Lyle learned how to box while he was serving time in Colorado State Prison for a gang related murder. Paroled in 1969, he made his pro boxing debut two years later at the age of 30. Lyle went undefeated in his first 19 fights before losing a unaminous decision to Jerry Quarry in Madison Square Garden in 1973. After losing to Quarry, Lyle won eleven fights and had a draw before losing a unaminous decision to Jimmy Young in February 1975.
Despite losing to Young, Lyle would get a title shot at Muhammad Ali three months later. Lyle took Ali to the limit and was ahead in the fight at the end of ten rounds. But the referee would controversially stop the fight in the 11th round after Ali threw a flurry of punches.
After defeating Earnie Shavers in September 1975 in front of his hometown fans in Denver, Lyle would be matched up against George Foreman in Las Vegas in January 1976. It was Foreman’s first fight since losing to Ali in the Rumble in the Jungle in Zaire in 1974. It would prove to be Lyle’s most memorable fight. In the fourth round, Lyle knocked down Foreman twice while Foreman knocked him down once. Foreman would then knockout Lyle in the fifth round.

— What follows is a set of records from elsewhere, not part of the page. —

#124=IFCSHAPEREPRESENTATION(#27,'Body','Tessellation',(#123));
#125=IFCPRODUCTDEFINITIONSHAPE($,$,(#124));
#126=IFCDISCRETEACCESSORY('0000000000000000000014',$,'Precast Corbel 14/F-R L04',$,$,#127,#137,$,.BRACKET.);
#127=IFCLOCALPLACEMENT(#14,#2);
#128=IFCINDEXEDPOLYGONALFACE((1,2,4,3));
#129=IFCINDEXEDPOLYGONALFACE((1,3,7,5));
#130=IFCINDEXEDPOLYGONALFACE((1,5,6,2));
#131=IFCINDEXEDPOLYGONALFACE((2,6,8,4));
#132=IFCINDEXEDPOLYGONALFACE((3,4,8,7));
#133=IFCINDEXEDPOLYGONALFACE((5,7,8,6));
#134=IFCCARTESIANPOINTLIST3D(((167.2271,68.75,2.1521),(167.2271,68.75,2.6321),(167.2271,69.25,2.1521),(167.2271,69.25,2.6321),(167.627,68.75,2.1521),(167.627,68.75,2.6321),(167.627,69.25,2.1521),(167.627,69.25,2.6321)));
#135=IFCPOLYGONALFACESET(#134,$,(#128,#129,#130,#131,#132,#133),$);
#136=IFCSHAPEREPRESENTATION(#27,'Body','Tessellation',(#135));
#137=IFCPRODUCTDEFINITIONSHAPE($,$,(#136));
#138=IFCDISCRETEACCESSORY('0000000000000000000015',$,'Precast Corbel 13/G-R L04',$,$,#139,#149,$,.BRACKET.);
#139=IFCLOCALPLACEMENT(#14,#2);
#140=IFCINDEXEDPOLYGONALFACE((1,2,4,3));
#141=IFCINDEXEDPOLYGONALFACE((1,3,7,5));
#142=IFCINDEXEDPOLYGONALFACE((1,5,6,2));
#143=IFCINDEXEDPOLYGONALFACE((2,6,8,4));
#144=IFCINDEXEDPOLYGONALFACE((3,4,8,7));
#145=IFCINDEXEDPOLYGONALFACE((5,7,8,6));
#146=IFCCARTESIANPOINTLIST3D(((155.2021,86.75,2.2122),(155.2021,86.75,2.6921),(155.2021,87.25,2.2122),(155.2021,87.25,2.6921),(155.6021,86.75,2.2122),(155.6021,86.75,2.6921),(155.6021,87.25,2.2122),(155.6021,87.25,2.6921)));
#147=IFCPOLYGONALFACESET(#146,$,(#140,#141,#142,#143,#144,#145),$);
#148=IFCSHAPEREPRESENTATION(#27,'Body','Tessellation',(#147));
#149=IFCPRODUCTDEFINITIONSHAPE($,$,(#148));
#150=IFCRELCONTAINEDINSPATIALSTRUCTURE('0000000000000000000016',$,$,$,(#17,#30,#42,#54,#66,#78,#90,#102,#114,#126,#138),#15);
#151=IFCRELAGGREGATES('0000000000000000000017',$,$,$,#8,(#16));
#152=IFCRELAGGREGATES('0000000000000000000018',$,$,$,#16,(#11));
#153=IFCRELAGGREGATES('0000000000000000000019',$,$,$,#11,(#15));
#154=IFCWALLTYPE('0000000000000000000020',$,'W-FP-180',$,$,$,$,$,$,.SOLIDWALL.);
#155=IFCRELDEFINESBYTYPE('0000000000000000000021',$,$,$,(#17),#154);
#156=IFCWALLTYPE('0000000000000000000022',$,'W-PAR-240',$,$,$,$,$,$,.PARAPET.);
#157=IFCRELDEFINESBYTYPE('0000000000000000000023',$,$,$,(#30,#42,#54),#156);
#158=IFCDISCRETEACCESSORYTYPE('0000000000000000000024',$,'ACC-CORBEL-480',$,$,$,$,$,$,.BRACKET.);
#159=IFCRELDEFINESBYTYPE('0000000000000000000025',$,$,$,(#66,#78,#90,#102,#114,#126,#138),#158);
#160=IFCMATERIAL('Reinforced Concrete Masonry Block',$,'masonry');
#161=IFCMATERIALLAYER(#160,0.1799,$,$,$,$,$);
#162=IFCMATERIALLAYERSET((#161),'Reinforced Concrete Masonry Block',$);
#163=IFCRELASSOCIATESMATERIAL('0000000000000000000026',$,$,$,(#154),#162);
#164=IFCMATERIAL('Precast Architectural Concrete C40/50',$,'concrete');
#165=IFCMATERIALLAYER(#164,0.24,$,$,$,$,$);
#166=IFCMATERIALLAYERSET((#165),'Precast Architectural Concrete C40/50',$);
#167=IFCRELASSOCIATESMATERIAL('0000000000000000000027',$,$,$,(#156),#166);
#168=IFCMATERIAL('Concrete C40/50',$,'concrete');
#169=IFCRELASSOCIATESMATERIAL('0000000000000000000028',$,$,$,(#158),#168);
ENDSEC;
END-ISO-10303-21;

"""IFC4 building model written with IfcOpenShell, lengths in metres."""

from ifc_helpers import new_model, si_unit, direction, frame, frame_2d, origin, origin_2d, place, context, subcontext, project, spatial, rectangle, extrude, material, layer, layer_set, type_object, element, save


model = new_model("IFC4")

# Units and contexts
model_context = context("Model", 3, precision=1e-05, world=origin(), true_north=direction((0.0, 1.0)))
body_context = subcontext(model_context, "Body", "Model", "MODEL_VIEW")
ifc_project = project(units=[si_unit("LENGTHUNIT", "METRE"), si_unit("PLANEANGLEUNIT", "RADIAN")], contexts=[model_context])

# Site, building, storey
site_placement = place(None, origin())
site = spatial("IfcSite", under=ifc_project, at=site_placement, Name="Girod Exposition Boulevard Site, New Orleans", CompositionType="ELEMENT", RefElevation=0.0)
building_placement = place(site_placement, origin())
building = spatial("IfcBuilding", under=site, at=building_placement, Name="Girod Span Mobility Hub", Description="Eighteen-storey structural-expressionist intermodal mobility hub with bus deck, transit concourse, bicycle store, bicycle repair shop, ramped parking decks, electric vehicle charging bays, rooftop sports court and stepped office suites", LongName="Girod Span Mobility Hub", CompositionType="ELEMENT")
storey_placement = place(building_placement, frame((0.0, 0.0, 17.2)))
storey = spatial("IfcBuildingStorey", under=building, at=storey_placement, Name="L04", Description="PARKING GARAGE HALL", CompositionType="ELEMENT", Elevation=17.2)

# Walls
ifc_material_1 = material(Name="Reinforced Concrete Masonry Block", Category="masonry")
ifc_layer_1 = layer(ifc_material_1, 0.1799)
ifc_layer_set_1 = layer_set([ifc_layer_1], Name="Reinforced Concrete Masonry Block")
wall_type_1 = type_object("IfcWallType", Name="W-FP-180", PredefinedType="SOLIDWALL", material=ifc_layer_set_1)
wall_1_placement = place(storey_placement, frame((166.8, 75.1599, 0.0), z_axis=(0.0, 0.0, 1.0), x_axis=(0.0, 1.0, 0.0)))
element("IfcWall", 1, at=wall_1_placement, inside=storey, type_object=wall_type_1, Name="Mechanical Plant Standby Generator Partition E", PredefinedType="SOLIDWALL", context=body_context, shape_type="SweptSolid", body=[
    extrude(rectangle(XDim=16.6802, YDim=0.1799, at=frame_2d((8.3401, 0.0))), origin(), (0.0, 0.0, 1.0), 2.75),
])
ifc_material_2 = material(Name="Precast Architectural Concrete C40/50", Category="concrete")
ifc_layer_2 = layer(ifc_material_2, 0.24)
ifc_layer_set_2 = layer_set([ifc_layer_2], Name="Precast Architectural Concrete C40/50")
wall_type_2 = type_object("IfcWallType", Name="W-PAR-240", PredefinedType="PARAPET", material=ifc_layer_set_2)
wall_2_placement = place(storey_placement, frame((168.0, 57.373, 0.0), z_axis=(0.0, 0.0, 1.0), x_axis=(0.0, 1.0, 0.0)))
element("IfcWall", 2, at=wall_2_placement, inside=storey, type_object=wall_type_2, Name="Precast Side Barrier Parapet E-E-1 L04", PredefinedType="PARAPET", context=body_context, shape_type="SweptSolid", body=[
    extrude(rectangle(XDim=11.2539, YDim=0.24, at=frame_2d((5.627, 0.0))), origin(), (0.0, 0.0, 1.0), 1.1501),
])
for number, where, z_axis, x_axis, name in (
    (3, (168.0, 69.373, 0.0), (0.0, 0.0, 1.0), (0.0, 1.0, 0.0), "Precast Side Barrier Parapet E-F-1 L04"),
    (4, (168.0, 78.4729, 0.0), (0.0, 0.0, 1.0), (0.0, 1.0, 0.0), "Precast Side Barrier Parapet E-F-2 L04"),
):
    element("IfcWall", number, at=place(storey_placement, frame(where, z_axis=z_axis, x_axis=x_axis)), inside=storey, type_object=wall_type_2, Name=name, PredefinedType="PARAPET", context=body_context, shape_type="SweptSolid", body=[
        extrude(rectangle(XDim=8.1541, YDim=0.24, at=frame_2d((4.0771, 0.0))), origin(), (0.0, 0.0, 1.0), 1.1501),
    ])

In 1978, Lyle stood trial for murdering his former road manager. However, Lyle claimed self-defense and a jury acquitted him. Lyle resumed his boxing career and would continue to fight until October 1980 when he was knocked out in the first round by Gerry Cooney. He came out of retirement nearly fifteen years later at the age of 54 in the hope of getting a rematch against George Foreman who had embarked on a successful comeback and by this time had become the heavyweight champion of the world. However, this fight would never come to fruition and Lyle hung up the gloves a few months later.
In recent years, Lyle ran a gym in Denver where he mentored up and coming boxers. Earlier this month, shortly after the death of Joe Frazier, Lyle conducted his last interview. Lyle never fought Frazier but greatly respected him. Ironically, the interviewer noted how good Lyle looked. Well, you know what they say about appearances.